Gay Altar Server: Tolerance & Reconciliation?

The headline was encouraging: “Church reconciles with gay altar server: Bishop preaches tolerance to divided parish“.

The bishop’s words appeared to be even more so.

“Nobody has the right to humiliate or slander their brother and sister,” Bishop Nicola De Angelis told the parishioners, some of whom are still calling for the transfer of their priest, Father Allan Hood, to another church over the whole Corcoran affair.

It was a homily that seemed to address the “hateful and discriminatory will” and “distaste towards homosexuality” that, Corcoran alleged in his complaint, was rampant among the 12 men and women who objected to his presence at the altar.

We are all equal in our dignity, but different in our roles,” decreed the Bishop.

The backstory to this, which I wrote on here , is that James Corcoran, who was then new to the parish, had been invited by the parish priest to act as an altar server.  A group of just 12 parishioners, knowing that he was living with a male partner, then began a malicious letter writing campaign, insisting that the priest remove Corcoran from ministry, or they would write to the bishop.  (This letter-writing tactic is drearily familiar. We at the Soho Masses are subjected to it constantly. Our opponents though,  are not content to write only to our local ordinary, but also write directly to the Vatican, making all manner of allegations based on misrepresentations and half-truths.)

When the parish priest responded to these demands by knuckling under to them and removed Corcoran from ministry, he responded by legal action, claiming damages for unjust discrimination. That was when the story hit the headlines. (One of the delicious ironies in this is the complainants’  claim to concerned lest the “scandal” that the parish had a gay altar server might reach the newspapers. What hit the headlines around the world was not the altar server, but their own bigoted campaign.)

It is pleasing then that the bishop has faced down the letter writers and preached to them on the importance of tolerance and compassion.

So why am I still troubled by this story?

The bishop has preached tolerance, but has not practised it. The altar server, James Corcoran, is still barred from serving. The 12 complainants are unrepentant.

Vatican doctrine is clear: although homosexual “acts” are not approved of, homosexual persons are not, and should be fully accepted in the church. Elsewhere, doctrine is equally cleat that we are not to  make judgements about other people. James Corcoran is openly living with a male partner, but insists that the relationship is celibate. Who has the right to assume he is lying? Vatican doctrine clearly states that homosexual acts are not acceptable, but I have never seen any suggestion that this means people who have the homosexual condition should live alone.

We know from research that the overwhelming majority of Catholic adults are in conscientious contravention of at least one aspect of the doctrine on sexual ethics, but most Catholics do not pass judgement on their peers on those issues.

The original complaint was based on the idea that Corcoran was disqualified because he was not “in good standing” with the Church.

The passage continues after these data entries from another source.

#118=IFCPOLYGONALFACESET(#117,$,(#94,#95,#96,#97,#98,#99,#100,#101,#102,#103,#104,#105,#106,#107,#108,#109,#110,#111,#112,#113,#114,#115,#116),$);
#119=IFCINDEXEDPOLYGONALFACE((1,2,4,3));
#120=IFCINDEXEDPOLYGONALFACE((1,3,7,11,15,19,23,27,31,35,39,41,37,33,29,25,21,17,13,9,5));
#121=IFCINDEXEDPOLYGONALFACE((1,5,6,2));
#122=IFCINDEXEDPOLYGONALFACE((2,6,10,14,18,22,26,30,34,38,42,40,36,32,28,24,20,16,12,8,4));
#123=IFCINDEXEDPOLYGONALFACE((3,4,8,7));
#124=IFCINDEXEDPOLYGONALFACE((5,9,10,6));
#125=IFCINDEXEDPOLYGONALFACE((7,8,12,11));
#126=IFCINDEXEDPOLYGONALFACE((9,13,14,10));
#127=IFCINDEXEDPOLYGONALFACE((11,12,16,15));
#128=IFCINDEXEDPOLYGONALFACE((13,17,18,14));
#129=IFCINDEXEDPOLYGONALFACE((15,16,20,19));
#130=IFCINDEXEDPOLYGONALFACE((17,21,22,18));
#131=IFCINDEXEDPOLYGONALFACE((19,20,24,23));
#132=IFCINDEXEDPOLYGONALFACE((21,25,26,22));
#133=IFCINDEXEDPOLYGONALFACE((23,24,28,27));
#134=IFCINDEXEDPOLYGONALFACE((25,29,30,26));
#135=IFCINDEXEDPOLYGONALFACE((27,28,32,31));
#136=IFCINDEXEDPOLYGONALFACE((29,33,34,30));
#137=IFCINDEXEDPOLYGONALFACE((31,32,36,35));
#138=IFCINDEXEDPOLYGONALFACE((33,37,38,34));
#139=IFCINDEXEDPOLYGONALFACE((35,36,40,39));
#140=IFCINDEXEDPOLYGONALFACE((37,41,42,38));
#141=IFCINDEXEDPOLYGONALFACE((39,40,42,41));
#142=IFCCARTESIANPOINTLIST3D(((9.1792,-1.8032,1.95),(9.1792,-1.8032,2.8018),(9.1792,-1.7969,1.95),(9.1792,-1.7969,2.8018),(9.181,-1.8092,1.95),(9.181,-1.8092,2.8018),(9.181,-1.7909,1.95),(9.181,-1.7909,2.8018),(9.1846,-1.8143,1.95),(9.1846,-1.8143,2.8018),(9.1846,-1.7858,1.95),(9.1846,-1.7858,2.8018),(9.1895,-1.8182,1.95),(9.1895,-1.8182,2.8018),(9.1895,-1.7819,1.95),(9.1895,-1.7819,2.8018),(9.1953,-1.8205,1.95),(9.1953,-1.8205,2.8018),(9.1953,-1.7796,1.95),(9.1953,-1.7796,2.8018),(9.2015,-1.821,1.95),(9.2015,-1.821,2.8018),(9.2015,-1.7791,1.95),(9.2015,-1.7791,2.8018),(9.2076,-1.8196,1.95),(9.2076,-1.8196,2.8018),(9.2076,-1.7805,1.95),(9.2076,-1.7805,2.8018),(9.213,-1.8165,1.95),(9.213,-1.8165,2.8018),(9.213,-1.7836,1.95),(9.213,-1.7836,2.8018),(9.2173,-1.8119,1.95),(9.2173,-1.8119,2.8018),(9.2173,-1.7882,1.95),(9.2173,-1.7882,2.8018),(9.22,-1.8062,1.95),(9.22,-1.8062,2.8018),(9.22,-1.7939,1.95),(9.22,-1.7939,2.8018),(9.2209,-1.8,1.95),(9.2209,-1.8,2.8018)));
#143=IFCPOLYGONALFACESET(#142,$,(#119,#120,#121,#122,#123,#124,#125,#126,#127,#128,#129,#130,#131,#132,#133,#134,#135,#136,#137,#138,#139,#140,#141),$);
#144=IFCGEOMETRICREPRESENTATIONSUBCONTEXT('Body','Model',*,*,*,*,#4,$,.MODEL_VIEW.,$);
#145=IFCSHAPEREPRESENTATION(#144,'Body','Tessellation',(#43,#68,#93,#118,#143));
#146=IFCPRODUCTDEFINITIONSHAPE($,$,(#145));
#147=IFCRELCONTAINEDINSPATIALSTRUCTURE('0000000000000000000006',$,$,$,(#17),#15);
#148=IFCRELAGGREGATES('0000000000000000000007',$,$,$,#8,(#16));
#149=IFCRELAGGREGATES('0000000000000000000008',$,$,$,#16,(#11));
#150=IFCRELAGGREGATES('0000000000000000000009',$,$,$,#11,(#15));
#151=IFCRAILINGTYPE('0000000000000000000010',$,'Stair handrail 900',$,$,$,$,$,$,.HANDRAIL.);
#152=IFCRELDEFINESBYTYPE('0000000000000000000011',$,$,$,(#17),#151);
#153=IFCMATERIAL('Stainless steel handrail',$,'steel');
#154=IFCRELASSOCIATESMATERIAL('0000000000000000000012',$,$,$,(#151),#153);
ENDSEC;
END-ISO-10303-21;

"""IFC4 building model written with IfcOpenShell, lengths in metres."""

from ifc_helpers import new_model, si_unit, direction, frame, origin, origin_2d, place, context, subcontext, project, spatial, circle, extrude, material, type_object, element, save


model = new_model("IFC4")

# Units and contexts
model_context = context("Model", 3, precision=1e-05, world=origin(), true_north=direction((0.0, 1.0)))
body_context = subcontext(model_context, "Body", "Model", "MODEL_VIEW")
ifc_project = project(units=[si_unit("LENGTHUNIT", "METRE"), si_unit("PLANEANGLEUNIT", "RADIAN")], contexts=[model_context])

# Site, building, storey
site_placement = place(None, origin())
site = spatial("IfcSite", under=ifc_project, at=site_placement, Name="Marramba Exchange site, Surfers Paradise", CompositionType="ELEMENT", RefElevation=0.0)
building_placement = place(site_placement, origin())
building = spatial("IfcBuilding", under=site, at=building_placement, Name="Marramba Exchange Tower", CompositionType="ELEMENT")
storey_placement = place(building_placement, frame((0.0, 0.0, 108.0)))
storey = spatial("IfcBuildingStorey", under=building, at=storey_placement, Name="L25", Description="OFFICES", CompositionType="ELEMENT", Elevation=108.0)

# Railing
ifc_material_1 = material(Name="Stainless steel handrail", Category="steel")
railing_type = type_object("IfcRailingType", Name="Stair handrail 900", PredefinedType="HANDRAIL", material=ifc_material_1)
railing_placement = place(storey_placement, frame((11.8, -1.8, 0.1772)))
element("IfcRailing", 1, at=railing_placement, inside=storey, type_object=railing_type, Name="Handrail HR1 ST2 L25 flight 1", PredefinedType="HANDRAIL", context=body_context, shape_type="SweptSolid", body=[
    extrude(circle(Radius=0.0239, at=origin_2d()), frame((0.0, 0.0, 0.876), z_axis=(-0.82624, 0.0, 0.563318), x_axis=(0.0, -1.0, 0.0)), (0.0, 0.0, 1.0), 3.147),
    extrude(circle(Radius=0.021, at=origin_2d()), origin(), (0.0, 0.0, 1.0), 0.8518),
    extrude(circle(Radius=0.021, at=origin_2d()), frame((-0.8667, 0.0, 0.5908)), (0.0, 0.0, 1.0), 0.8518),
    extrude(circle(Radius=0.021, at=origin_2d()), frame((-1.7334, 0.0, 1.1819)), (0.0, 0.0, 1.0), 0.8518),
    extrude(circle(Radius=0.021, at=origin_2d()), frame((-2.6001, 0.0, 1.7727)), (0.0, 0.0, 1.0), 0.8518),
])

In their response to the complaint, the 12 parishioners said they became aware that Hood had knowingly appointed “two homosexual men” as altar servers in April 2009.

“(We) understood that the Catholic Church had a policy that only Catholics in good standing, living in accordance with canonical law, were permitted to participate in the liturgy,” the 12 parishioners wrote to the tribunal.

But what possible grounds are there for suggesting that he is not in good standing, other than naked prejudice and unwarranted assumptions?

The Bishop’s words were about dignity, respect and compassion. His message, though, was gay men are welcome in the church – but only if they hide their orientation and live alone. On the face of it, the only one who has made any “compromise” in the case is the altar server, who has agreed not to serve and has withdrawn his complaint.

But wait, here’s a clue:

Neither party will speak publicly about what led to the reconciliation.

Is this a simple “out of court settlement”?  Has money changed hands to prevent church scandal?

How much simpler it would have been for all concerned if the priest had simply responded to the original complaints with the kind of words that the bishop was finally compelled to preach to the complainants.